A SCOTTISH patient organisation is calling for change to tackle the “postcode lottery” for access to treatment for a life-shortening heart condition.
Highlighting the regional disparities and impact of the pandemic on access to treatment, Heart Valve Voice have brought report findings to the attention of MSPs.
Impacting the blood flow to the heart, heart valve disease affects 73,000 people in Scotland and is a serious, but treatable, condition.
However, long waiting times are delaying diagnosis, with some patients waiting for up to 7 months to be seen.
This timescale is an important factor, given that, for example, untreated harsh aortic stenosis – the most shared form of valve disease – alters life expectancy to less than two years.
One example of the imbalance in access to diagnosis in Scotland is the waiting time for an echocardiogram, an ultrasound of the heart.
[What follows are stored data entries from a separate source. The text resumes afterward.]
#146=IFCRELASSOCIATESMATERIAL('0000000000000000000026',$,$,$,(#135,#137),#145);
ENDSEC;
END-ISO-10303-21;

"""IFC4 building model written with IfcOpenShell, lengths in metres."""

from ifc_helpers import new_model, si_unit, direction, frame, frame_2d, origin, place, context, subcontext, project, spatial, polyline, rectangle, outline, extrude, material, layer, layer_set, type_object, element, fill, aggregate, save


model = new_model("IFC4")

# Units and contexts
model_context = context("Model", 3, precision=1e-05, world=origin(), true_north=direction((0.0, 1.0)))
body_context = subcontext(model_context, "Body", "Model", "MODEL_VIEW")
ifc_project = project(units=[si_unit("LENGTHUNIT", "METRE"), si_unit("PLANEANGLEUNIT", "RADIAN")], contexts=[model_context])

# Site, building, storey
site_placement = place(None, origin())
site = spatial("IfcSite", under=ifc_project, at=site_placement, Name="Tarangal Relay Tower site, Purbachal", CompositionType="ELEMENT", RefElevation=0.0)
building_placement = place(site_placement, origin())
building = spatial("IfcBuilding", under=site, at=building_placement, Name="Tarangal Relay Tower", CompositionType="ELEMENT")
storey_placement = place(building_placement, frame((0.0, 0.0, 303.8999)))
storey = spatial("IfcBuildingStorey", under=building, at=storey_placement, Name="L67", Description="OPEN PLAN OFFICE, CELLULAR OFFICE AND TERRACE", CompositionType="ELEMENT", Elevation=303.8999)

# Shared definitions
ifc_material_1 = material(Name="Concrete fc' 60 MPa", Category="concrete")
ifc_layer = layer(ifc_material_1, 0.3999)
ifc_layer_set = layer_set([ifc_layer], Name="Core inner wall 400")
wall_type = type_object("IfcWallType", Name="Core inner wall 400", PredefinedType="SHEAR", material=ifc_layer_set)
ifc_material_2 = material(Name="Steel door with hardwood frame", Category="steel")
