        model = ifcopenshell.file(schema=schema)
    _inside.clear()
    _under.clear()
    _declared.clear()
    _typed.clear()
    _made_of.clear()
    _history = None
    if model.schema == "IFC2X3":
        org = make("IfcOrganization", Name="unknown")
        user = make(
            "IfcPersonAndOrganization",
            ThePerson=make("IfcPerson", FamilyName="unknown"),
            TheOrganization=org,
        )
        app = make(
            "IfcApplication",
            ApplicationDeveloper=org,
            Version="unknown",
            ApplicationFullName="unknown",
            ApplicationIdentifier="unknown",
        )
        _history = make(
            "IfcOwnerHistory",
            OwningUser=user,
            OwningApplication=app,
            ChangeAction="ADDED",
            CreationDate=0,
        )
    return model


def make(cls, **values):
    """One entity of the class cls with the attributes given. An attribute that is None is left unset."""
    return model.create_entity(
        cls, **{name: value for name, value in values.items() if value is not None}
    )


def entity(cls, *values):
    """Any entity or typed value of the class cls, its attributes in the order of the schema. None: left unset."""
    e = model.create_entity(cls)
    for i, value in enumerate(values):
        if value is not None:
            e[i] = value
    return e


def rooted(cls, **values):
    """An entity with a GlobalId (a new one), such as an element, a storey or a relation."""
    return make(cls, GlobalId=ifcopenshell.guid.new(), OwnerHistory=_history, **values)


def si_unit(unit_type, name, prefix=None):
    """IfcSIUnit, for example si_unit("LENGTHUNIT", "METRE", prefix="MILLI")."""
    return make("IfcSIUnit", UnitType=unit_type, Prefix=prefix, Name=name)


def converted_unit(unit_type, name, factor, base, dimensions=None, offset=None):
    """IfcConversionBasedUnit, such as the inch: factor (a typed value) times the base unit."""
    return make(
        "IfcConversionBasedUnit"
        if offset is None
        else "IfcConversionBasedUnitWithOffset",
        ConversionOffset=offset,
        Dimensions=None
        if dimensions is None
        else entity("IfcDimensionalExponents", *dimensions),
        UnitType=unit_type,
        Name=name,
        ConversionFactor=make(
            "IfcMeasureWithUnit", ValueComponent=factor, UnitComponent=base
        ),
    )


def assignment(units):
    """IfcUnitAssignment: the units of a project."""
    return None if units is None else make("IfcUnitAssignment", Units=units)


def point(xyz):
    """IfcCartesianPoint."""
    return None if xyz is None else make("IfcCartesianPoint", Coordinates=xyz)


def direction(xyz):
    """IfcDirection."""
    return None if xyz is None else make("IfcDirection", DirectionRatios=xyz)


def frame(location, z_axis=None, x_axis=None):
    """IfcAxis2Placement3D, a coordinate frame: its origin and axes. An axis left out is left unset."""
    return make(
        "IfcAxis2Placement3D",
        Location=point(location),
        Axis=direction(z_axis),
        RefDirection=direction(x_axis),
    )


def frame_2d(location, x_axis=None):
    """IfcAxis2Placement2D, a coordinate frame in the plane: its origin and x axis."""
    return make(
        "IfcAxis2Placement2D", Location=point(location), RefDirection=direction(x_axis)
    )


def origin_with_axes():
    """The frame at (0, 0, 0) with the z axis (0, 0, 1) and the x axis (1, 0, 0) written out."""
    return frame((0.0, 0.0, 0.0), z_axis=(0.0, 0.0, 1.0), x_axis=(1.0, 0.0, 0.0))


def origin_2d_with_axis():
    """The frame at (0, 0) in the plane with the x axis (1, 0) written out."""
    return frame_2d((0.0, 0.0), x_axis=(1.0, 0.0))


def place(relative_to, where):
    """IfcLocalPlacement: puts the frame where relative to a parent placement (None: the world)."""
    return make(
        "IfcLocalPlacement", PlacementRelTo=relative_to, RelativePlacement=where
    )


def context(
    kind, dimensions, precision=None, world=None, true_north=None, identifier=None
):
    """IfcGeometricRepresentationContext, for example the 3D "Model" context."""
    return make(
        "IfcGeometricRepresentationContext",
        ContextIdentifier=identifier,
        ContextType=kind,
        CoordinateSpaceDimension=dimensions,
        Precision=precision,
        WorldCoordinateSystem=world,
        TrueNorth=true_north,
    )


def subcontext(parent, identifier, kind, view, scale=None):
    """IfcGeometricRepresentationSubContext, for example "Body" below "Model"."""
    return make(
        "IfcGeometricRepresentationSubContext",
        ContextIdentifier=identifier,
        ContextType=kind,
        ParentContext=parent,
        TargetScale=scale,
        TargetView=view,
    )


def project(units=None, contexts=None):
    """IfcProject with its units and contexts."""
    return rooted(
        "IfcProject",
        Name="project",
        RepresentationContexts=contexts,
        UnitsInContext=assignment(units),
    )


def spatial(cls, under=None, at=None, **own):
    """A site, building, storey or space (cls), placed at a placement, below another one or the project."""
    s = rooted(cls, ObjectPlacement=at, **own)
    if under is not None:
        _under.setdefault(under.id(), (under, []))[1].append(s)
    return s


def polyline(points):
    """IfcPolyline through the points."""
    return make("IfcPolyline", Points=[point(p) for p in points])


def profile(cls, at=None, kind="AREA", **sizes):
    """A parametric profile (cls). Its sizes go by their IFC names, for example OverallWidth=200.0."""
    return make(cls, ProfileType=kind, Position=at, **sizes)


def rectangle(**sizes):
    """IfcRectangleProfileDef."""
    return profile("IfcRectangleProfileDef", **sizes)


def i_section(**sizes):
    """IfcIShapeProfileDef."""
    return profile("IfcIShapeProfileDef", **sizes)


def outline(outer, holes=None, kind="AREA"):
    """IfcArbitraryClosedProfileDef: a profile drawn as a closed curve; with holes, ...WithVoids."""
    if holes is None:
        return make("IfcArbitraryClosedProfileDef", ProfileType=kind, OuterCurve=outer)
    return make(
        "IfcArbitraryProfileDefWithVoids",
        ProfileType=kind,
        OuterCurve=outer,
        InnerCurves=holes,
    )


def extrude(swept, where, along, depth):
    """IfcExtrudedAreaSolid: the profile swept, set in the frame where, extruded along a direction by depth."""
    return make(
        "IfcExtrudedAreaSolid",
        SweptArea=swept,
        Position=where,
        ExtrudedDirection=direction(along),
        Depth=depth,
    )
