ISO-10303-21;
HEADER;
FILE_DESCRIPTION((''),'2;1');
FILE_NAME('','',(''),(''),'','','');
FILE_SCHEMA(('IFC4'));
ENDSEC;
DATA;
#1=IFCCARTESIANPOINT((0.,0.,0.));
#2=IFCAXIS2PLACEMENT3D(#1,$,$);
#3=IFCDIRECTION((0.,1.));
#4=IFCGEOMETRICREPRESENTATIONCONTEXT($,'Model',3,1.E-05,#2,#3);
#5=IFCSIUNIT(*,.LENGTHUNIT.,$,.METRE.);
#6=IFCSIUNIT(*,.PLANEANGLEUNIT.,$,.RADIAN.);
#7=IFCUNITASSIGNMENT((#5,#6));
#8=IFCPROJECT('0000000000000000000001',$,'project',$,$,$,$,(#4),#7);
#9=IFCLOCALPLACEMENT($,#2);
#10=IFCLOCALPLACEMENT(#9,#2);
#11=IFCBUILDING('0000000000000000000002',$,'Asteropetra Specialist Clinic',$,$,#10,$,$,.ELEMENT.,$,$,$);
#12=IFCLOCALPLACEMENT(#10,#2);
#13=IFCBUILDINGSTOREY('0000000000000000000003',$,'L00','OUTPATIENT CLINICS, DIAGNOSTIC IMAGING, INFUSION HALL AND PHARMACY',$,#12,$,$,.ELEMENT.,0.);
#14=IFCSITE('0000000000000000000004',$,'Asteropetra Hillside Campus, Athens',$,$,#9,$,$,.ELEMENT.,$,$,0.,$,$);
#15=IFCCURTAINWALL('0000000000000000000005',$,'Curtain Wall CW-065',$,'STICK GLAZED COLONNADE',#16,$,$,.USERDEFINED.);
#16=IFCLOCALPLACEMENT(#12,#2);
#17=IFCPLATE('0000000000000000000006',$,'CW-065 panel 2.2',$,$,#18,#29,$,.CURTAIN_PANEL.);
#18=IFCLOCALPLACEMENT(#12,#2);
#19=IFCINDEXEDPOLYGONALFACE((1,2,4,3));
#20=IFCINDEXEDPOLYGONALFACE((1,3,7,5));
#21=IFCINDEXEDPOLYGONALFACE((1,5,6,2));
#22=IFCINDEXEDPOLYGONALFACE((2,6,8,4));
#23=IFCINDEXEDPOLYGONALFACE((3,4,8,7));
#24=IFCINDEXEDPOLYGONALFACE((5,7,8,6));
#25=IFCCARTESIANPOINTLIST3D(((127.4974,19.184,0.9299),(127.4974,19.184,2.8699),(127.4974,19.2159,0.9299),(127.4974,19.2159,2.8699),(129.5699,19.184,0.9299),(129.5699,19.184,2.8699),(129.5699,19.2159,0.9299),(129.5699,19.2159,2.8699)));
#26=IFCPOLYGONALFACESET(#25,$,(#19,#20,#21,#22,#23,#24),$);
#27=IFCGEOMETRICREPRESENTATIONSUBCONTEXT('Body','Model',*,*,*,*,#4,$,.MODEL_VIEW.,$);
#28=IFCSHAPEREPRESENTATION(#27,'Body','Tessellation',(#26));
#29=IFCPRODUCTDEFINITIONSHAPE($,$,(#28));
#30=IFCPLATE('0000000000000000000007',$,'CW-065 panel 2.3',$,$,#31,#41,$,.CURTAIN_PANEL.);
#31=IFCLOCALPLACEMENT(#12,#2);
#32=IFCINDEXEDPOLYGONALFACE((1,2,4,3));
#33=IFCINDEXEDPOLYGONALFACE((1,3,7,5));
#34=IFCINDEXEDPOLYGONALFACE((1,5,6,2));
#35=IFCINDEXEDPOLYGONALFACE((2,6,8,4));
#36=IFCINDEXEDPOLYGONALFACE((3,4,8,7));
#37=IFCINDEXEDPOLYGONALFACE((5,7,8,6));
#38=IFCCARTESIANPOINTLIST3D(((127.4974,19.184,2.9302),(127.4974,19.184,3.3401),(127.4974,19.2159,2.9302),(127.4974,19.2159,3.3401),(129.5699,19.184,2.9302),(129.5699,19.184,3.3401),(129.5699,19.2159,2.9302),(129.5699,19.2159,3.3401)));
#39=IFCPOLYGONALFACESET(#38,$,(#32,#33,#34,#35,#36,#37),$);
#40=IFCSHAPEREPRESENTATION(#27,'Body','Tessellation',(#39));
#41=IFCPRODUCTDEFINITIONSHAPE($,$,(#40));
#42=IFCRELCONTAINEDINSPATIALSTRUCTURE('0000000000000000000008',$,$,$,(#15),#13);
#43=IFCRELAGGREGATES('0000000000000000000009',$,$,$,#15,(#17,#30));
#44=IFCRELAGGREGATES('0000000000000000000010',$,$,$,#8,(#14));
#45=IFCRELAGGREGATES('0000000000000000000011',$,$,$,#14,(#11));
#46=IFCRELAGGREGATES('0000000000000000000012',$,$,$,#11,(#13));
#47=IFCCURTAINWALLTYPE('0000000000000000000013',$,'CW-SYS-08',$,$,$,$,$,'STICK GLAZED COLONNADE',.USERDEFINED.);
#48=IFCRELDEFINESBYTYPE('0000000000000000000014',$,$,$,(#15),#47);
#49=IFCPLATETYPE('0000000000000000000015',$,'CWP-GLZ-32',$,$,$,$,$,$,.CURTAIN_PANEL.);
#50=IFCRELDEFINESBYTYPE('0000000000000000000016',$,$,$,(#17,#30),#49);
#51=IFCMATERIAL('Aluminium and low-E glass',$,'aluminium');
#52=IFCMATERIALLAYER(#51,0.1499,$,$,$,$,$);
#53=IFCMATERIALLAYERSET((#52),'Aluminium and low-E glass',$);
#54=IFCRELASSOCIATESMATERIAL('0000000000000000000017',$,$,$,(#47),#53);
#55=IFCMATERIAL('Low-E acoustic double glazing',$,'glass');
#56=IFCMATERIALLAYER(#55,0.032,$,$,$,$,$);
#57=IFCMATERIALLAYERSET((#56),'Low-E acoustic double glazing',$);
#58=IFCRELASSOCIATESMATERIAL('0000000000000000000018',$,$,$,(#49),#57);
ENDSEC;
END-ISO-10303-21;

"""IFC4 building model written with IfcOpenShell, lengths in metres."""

from ifc_helpers import new_model, si_unit, direction, frame, origin, origin_2d, place, context, subcontext, project, spatial, rectangle, extrude, material, layer, layer_set, type_object, element, aggregate, save


model = new_model("IFC4")

# Units and contexts
model_context = context("Model", 3, precision=1e-05, world=origin(), true_north=direction((0.0, 1.0)))
body_context = subcontext(model_context, "Body", "Model", "MODEL_VIEW")
ifc_project = project(units=[si_unit("LENGTHUNIT", "METRE"), si_unit("PLANEANGLEUNIT", "RADIAN")], contexts=[model_context])

# Site, building, storey
site_placement = place(None, origin())
site = spatial("IfcSite", under=ifc_project, at=site_placement, Name="Asteropetra Hillside Campus, Athens", CompositionType="ELEMENT", RefElevation=0.0)
building_placement = place(site_placement, origin())
building = spatial("IfcBuilding", under=site, at=building_placement, Name="Asteropetra Specialist Clinic", CompositionType="ELEMENT")
storey_placement = place(building_placement, origin())
storey = spatial("IfcBuildingStorey", under=building, at=storey_placement, Name="L00", Description="OUTPATIENT CLINICS, DIAGNOSTIC IMAGING, INFUSION HALL AND PHARMACY", CompositionType="ELEMENT", Elevation=0.0)

# Curtain wall, plates
ifc_material_1 = material(Name="Aluminium and low-E glass", Category="aluminium")
ifc_layer_1 = layer(ifc_material_1, 0.1499)
ifc_layer_set_1 = layer_set([ifc_layer_1], Name="Aluminium and low-E glass")
curtain_wall_type = type_object("IfcCurtainWallType", Name="CW-SYS-08", ElementType="STICK GLAZED COLONNADE", PredefinedType="USERDEFINED", material=ifc_layer_set_1)
curtain_wall_placement = place(storey_placement, origin())
curtain_wall = element("IfcCurtainWall", 1, at=curtain_wall_placement, inside=storey, type_object=curtain_wall_type, Name="Curtain Wall CW-065", ObjectType="STICK GLAZED COLONNADE", PredefinedType="USERDEFINED")
ifc_material_2 = material(Name="Low-E acoustic double glazing", Category="glass")
ifc_layer_2 = layer(ifc_material_2, 0.032)
ifc_layer_set_2 = layer_set([ifc_layer_2], Name="Low-E acoustic double glazing")
plate_type = type_object("IfcPlateType", Name="CWP-GLZ-32", PredefinedType="CURTAIN_PANEL", material=ifc_layer_set_2)
plate_1_placement = place(storey_placement, frame((128.5337, 19.2, 0.9299), z_axis=(0.0, 0.0, 1.0), x_axis=(1.0, 0.0, 0.0)))
plate_1 = element("IfcPlate", 2, at=plate_1_placement, type_object=plate_type, Name="CW-065 panel 2.2", PredefinedType="CURTAIN_PANEL", context=body_context, shape_type="SweptSolid", body=[
    extrude(rectangle(XDim=2.0725, YDim=0.032, at=origin_2d()), origin(), (0.0, 0.0, 1.0), 1.9399),
])
plate_2_placement = place(storey_placement, frame((128.5337, 19.2, 2.9302), z_axis=(0.0, 0.0, 1.0), x_axis=(1.0, 0.0, 0.0)))
plate_2 = element("IfcPlate", 3, at=plate_2_placement, type_object=plate_type, Name="CW-065 panel 2.3", PredefinedType="CURTAIN_PANEL", context=body_context, shape_type="SweptSolid", body=[
    extrude(rectangle(XDim=2.0725, YDim=0.032, at=origin_2d()), origin(), (0.0, 0.0, 1.0), 0.4099),
])
aggregate(curtain_wall, [plate_1, plate_2])

save(model, "model.ifc")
Of the patients awaiting an echocardiogram by NHS Shetland, 79% waited more than a month, which is almost quadruple the statistics for NHS Lothian, where 22.13% waited longer than a month.
Wil Woan, Chief Executive Officer at Heart Valve Voice, said: “Scotland must commit to the same quality of care as patients in other places in Europe.
“This guidance urges patients to be seen within a 2-6 week timeframe.
“In some Scottish Health Boards patients are waiting up to 30 weeks to be seen.”
He additional: “Long waiting lists have been exacerbated by Covid, but delays in diagnosis and treatment only rule to worse outcomes for the patient – and put undue pressure on other areas of the NHS, like emergency care.
“People must be diagnosed at the earliest opportunity to ensure they can be appropriately treated as quickly as possible and get back to a good symptom free quality of life.”
Findings of the Heart Valve Voice State of the Nation Report into Heart Disease in Scotland demonstrate the need for an urgent review of heart valve centres across the country.
Other recommendations include standardising data on the disease, to clarify how it is being diagnosed, managed and treated in different locations.
Spreading awareness of the signs of the disease has also been suggested, including by targeted education, informing both healthcare professionals and the public.
Additionally, it’s suggested that everybody over the age of 65 should receive routine heart check-ups and that addressing the disease should be prioritised equally with other serious heart conditions.